Primary qualities are properties that exist in the external world in the same way humans perceive them, such as shape, size, distance, hardness, and volume.

Secondary qualities do not exist in things themselves. They depend on a perceiver's senses. These include colour, taste, texture, smell, and sound.

Primary qualities are measurable aspects of physical reality. Secondary qualities are subjective.

One could imagine for example an apple without colour. One cannot imagine an apple without a shape, because it is a primary quality; it exists even if unperceived.

This famous experiment by Newton proved that the colour we see can be understood mechanically.
This famous experiment by Newton proved that the colour we see can be understood mechanically.
  • “By convention there are sweet and bitter, hot and cold, by convention there is color; but in truth there are atoms and the void”

– Democritus, Fragment 9. (Quoted by Sextus Empiricus, Adv. Math. vii 135)

  • “I think that tastes, odors, colors, and so on are no more than mere names so far as the object in which we locate them are concerned, and that they reside in consciousness. Hence if the living creature were removed, all these qualities would be wiped away and annihilated”

– Galileo Galilei, The Assayer (published 1623). As reprinted in (Drake, 1957, p. 274)

  • “For the rays, to speak properly, are not colored. In them there is nothing else than a certain power and disposition to stir up a sensation of this or that color.”

– Isaac Newton Optics (3rd ed. 1721, original in 1704).

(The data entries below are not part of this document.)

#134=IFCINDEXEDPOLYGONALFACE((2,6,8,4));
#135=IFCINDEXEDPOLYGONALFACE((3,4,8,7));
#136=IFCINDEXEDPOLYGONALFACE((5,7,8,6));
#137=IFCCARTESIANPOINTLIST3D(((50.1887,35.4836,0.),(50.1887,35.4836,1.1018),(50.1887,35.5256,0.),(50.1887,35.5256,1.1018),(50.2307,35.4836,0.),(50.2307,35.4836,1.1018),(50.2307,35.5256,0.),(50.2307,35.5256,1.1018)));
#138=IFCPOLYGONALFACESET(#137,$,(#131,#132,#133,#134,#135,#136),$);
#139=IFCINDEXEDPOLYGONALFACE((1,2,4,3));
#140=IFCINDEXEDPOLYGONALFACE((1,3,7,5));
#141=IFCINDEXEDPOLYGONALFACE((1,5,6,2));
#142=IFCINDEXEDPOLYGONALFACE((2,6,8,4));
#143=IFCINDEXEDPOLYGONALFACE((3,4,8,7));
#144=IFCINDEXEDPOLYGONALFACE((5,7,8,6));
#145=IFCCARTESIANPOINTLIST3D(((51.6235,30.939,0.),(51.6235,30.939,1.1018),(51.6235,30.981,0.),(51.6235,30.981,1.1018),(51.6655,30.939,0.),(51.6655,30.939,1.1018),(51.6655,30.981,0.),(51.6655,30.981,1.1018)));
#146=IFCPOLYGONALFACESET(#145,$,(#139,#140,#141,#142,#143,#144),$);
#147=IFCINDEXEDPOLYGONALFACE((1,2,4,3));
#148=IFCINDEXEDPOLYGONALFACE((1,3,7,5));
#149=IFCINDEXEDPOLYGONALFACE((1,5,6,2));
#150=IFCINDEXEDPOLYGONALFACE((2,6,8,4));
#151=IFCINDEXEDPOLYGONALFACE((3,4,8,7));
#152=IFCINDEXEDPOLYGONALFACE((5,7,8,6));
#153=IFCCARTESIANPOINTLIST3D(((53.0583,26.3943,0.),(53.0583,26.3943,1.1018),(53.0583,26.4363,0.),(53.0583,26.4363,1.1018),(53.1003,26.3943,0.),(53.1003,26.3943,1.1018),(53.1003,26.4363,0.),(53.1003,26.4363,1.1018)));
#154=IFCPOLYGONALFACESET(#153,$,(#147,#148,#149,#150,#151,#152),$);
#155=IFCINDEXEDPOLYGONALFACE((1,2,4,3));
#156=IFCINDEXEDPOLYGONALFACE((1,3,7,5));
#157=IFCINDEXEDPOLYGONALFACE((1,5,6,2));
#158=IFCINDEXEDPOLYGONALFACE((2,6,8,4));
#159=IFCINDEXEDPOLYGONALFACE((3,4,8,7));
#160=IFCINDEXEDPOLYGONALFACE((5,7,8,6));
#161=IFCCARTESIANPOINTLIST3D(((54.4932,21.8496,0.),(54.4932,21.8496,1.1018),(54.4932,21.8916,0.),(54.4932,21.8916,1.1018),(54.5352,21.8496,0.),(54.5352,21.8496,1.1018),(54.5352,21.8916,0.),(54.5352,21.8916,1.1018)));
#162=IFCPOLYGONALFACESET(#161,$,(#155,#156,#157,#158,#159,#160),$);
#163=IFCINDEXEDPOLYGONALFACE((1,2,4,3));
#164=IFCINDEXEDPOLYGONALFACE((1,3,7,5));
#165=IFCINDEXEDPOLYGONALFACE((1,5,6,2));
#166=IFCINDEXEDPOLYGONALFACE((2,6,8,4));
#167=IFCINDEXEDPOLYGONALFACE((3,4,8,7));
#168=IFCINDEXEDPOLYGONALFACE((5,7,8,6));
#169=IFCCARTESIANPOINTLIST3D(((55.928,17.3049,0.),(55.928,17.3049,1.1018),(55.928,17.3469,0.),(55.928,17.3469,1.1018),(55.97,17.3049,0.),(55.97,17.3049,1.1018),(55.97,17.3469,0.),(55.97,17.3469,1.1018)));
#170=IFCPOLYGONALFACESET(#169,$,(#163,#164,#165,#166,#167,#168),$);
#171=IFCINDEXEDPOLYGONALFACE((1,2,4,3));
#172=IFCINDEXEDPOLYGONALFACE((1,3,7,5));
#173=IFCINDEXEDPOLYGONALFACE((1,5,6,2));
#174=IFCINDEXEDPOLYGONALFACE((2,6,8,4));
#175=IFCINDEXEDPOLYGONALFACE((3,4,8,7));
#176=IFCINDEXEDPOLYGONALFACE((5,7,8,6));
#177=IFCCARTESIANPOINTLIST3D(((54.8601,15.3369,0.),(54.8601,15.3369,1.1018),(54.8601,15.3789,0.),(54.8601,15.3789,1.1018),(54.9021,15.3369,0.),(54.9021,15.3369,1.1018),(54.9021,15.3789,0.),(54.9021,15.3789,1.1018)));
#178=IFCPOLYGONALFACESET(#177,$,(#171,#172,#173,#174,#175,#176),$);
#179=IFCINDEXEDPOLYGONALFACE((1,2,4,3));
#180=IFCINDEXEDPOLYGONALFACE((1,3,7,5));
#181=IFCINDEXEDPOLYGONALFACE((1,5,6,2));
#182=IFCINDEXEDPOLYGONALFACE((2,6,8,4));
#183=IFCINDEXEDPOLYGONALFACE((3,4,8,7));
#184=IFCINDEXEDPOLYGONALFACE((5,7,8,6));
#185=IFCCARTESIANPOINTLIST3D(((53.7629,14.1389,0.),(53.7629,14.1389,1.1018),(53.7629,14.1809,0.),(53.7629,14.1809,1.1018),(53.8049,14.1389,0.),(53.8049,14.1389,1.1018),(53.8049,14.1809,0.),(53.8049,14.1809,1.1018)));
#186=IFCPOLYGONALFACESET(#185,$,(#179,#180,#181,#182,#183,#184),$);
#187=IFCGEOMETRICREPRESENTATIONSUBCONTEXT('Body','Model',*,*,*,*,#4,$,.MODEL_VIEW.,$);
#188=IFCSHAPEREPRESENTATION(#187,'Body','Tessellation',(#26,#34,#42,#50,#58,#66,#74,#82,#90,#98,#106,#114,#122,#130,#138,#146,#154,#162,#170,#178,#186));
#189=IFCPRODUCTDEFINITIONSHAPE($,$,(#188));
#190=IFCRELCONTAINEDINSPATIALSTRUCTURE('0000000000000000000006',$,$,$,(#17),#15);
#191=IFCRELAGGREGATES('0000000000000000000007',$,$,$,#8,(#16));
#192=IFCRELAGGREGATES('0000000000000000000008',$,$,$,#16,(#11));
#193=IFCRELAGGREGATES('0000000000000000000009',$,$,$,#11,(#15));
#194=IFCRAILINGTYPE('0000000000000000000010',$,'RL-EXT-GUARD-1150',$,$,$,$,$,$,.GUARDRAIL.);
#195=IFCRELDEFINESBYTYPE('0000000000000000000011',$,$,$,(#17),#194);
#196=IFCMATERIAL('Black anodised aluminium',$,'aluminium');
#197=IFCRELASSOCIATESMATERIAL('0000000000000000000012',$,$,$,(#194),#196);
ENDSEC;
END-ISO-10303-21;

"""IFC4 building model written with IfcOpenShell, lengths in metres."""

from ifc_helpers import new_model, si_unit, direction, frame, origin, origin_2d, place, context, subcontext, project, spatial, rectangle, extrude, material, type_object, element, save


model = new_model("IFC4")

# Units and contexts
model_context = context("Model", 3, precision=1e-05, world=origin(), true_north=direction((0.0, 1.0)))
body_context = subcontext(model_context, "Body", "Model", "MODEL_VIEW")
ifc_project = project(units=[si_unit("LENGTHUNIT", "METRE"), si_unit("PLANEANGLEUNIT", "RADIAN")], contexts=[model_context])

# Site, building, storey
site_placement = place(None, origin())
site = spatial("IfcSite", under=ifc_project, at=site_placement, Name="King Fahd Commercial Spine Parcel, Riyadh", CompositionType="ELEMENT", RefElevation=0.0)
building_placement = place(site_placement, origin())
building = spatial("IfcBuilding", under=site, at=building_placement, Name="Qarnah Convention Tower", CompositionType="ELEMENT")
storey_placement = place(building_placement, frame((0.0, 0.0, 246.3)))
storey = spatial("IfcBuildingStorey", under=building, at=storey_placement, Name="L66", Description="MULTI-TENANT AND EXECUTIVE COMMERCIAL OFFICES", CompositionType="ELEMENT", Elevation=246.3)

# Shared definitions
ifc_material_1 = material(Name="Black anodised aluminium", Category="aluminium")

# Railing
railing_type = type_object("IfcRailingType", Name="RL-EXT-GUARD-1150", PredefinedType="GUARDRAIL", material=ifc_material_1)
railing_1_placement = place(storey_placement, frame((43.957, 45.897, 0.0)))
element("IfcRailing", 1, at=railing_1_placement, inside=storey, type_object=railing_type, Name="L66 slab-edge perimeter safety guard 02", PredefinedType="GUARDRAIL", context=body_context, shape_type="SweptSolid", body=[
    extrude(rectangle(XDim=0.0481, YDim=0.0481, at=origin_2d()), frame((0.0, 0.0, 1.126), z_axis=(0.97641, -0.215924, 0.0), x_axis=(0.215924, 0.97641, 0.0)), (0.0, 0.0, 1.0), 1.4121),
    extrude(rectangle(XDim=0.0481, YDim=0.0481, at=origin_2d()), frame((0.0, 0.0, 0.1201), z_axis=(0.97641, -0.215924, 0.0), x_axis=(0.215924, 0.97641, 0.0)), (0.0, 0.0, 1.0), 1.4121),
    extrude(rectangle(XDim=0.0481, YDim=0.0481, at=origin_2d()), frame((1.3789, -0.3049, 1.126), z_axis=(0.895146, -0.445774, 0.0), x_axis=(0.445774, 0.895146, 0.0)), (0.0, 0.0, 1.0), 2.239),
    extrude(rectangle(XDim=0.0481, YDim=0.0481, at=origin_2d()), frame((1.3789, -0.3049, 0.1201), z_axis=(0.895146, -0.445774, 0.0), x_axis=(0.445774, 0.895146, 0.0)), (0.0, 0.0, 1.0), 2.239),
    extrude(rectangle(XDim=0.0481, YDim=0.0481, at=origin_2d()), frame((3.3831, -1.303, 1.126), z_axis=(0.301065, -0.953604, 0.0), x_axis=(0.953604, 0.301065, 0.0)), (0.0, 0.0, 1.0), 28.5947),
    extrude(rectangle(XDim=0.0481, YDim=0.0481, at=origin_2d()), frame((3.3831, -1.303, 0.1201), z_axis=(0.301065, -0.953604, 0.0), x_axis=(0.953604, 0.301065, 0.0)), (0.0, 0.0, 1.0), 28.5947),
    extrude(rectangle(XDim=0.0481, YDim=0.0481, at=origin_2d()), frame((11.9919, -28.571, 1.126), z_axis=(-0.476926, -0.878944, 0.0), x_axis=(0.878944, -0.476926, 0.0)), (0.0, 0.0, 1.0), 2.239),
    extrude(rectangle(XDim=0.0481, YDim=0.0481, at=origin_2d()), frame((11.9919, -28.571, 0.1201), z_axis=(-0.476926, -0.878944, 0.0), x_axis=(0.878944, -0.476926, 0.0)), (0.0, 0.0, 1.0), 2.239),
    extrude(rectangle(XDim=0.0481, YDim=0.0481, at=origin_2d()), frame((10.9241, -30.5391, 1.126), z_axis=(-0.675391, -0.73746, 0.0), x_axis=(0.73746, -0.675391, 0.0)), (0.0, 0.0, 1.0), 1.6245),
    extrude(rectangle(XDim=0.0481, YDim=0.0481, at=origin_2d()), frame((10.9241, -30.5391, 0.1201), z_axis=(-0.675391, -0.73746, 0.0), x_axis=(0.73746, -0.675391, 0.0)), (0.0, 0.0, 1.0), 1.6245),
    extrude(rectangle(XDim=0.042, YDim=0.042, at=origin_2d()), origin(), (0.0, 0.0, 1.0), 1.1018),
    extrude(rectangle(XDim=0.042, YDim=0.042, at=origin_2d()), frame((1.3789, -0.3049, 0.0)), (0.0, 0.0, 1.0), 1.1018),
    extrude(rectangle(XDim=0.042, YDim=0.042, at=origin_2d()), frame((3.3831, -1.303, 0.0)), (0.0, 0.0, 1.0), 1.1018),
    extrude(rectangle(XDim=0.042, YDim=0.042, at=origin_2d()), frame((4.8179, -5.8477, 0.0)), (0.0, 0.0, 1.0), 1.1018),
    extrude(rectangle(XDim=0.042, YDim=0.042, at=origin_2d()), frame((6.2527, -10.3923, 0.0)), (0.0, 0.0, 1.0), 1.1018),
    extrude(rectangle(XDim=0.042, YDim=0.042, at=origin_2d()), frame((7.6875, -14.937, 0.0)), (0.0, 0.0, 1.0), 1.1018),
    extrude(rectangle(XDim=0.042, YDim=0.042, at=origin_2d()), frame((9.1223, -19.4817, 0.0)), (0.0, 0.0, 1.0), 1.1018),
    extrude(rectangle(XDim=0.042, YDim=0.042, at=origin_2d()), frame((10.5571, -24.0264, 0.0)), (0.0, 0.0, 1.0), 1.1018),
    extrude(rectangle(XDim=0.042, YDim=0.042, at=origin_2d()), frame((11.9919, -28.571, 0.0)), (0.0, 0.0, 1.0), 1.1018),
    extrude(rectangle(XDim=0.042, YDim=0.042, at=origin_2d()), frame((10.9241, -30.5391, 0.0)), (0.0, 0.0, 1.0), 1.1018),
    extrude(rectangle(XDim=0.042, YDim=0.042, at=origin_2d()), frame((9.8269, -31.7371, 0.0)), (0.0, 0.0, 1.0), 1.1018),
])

Reprinted in (Newton, 1953, ed. Chris Jamieson, p. 100)

Galileo Galilei and René Descartes both described a similar distinction before Locke.

George Berkeley is a famous critic of the distinction. Berkeley says even primary qualities only exist in perceptions, as the notion of a wholly unperceived material object, Berkeley alleges, is incoherent.

The idea of qualia, proposed by C.I. Lewis in 1929 and defined as the 'what it is like' character of mental states, is broadly similar to the concept of a secondary quality.